5 questions for Altisource's John Vella
While small in scope compared to the market at large, growth in the non-QM market has proved attractive to the lending industry in recent times. However, through conflation with subprime mortgages, mere mention of non-QM recalls memories to the housing crisis and its catalyst loan type.
To aid its growth in the current state of credit expansion, guidelines for the loan type need clarity, according to John Vella, the chief revenue officer for Altisource, an integrated service provider and marketplace for real estate and mortgages. The same can be said about the next frontier of mortgage technology and data privacy.
Below are excerpts from an exchange with Vella about the near future of non-QM, delinquencies, mortgage technology and data privacy. The questions and responses have been edited for clarity and length.
Where do you see the non-QM market going in the next 12-18 months?
The non-QM market should continue to grow next year. As housing prices continue to rise, a large number of creditworthy borrowers can’t qualify for financing under stringent underwriting requirements. Also, if rates flatten or increase in 2020, this will drive non-QM activity as well as drive lenders to look elsewhere for increased production.
The key to its growth will be demand for takeout financing and securitization. As non-QM volume grows, the appetite for securitization should grow as well. Another factor that could affect the non-QM market is the stock market. If the stock market cools next year, we could see even more investors looking toward non-QM loans.

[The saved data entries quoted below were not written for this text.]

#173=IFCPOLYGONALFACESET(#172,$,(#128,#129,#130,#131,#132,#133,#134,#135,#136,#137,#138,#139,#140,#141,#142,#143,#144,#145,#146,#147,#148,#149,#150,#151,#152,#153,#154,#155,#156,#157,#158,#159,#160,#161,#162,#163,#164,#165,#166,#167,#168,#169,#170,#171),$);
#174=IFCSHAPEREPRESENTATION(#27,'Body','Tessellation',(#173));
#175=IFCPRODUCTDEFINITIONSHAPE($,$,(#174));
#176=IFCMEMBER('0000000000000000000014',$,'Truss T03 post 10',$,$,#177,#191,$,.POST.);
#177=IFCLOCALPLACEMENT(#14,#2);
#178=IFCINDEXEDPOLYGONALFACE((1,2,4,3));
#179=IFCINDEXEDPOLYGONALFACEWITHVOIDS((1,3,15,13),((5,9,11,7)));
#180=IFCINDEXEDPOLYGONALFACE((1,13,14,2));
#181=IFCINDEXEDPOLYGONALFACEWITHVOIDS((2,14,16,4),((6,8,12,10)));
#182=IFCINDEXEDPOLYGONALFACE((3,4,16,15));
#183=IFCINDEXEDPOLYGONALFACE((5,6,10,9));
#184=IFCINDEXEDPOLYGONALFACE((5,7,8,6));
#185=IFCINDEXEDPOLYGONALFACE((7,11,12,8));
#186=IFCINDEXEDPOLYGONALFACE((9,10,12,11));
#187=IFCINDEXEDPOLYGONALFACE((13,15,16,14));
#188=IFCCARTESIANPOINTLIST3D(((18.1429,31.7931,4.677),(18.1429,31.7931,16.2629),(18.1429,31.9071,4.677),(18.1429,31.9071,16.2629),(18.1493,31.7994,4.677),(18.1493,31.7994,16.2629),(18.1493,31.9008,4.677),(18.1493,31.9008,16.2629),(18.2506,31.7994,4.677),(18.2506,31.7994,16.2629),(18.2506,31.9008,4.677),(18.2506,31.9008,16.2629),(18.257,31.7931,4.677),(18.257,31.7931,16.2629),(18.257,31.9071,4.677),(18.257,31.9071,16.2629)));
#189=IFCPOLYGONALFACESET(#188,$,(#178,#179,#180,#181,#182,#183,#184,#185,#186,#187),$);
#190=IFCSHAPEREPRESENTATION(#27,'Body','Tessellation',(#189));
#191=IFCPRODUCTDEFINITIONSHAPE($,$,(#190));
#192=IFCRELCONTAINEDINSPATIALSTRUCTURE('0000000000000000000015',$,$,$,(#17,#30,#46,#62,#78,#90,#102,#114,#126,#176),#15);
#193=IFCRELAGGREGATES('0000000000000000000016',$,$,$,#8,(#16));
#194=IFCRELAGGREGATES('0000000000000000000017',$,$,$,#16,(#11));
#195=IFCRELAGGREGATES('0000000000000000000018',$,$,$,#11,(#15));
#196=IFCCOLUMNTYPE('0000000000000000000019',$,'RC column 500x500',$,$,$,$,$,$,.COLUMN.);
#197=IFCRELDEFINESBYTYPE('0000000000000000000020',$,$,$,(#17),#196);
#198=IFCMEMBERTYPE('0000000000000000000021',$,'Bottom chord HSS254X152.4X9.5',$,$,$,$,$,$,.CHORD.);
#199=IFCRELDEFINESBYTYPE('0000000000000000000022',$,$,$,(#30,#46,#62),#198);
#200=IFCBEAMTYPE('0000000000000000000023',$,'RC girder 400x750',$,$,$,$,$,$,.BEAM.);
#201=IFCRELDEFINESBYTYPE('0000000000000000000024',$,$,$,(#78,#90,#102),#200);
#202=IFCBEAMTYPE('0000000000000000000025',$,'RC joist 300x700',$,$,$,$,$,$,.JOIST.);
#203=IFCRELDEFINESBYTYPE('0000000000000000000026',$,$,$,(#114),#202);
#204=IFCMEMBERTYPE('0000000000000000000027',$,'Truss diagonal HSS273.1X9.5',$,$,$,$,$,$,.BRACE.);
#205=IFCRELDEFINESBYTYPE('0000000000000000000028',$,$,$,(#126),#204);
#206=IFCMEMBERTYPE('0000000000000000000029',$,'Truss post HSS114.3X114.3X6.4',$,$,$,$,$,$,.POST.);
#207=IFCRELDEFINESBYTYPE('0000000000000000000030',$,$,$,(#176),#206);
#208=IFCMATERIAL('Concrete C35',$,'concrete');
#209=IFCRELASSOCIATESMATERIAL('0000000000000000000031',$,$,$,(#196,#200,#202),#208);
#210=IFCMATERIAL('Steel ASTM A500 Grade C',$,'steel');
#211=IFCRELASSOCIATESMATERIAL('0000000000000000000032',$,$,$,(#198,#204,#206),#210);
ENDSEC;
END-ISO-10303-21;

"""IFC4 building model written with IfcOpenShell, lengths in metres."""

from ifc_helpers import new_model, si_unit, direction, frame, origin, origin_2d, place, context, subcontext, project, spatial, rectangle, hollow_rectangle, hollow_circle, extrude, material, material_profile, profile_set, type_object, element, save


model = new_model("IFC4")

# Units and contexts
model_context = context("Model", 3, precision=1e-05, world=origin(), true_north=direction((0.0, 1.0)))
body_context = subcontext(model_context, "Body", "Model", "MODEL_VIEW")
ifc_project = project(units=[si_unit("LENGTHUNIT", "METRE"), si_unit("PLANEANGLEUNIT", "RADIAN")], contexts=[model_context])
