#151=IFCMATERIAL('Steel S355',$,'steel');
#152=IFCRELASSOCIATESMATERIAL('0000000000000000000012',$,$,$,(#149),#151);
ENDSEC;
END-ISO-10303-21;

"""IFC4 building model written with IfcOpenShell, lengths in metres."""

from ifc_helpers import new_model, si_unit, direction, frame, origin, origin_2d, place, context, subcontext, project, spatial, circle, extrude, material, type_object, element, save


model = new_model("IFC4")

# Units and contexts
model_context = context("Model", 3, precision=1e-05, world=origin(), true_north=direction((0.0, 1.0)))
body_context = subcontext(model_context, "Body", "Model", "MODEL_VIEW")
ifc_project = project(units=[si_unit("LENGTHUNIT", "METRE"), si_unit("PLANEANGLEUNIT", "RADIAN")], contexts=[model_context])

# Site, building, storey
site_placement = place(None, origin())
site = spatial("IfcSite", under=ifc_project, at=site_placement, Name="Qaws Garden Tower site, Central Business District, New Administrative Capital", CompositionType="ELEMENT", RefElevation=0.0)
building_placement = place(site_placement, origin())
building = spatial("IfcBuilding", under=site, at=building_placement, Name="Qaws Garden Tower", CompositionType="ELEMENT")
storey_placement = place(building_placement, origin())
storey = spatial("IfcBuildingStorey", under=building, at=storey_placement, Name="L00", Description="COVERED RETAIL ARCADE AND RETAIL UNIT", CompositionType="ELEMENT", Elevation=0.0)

What is the biggest impediment to the non-QM sector?
The biggest obstacles to the non-QM market are a lack of investors and a lack of clearly defined guidelines for non-QM loans as credit boxes continue to expand.
What loans are most at risk to increased delinquencies?

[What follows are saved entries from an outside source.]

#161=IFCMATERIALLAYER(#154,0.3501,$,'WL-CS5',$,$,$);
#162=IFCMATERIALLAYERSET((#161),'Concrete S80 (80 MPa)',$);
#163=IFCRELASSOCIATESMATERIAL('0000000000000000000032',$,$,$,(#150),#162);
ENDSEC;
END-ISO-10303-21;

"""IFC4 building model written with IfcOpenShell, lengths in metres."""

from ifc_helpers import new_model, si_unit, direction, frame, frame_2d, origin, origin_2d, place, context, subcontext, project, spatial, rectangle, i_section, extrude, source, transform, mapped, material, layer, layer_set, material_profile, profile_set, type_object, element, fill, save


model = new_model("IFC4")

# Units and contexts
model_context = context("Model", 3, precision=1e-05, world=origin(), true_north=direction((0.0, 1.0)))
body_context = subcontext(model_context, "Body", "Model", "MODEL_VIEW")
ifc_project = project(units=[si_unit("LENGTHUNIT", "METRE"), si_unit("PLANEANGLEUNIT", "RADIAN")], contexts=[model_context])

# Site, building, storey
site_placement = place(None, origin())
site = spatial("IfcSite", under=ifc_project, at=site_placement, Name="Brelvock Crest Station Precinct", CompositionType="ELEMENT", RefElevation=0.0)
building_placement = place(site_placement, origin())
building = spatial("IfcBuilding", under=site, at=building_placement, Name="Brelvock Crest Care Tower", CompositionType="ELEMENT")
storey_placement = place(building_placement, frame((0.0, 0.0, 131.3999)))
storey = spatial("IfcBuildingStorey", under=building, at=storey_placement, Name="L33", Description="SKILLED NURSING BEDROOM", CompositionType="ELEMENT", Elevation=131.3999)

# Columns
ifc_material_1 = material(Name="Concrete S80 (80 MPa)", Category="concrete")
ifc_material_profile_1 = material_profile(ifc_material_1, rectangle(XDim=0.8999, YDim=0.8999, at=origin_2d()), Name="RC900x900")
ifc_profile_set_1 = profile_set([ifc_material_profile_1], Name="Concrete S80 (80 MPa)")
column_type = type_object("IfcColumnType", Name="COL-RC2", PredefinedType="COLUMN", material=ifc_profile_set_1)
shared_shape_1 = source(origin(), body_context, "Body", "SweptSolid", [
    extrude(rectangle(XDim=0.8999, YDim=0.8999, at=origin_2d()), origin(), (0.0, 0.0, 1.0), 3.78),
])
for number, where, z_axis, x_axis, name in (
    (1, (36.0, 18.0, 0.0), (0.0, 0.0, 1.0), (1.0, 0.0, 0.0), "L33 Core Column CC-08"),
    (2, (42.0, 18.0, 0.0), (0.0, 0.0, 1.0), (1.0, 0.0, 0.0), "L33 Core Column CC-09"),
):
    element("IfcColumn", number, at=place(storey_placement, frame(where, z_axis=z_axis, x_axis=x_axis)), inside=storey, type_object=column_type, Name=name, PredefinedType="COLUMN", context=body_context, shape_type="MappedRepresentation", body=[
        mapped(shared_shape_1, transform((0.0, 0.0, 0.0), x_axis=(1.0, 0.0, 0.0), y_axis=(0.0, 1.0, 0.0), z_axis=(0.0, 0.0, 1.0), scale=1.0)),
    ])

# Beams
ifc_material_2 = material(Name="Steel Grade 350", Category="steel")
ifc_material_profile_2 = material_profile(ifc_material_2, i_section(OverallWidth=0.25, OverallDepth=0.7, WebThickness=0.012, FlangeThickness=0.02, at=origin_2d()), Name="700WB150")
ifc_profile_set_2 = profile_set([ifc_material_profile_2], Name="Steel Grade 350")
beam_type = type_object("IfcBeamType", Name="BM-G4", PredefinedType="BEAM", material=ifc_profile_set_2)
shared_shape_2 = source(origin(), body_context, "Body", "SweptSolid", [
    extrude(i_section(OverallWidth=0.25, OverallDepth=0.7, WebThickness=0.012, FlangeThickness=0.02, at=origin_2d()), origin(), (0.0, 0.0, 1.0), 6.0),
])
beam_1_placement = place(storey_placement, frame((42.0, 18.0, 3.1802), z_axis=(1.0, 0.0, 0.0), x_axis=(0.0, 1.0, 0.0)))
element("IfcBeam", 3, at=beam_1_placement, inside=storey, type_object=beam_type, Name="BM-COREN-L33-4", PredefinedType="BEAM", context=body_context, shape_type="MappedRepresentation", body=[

FHA loans are easily the most at risk since they already have delinquency rates that are three times that of agency loans. Otherwise, jumbo loans that were originated with high-LTV ratios in areas where housing prices are flattening or starting to decline will be at risk of delinquency or default.
We will also continue to see risk among loans in regions that have been impacted by natural disasters as well as loans in areas that are starting to see economic downturns and higher unemployment.
What's the next wave of mortgage technology look like?
The future of mortgage technology lies in integrations between data providers and originators and servicers that bring more granularity and intelligent third-party data. We’re already seeing much more of these types of integrations, which help drive decision-making and pricing as well as improve the customer experience. Many of these integrations will be internal as servicers and originators combine processes to create efficiencies from both a cost and timeline perspective.
How are the new regulations in data privacy (like the CCPA) changing the relationship between servicers and lenders?
This is a big area of risk for both lenders and servicers, and it’s getting bigger. So far, more than a dozen states have data privacy regulations with more expected next year. One of the biggest challenges is that different state regulations are using different terminology. For example, some focus on “personal information” while others focus on “NPI,” which will create additional uncertainty for both lenders and servicers. Ultimately, incorporating these new requirements into a lender’s or servicer’s processes will add technology and training costs.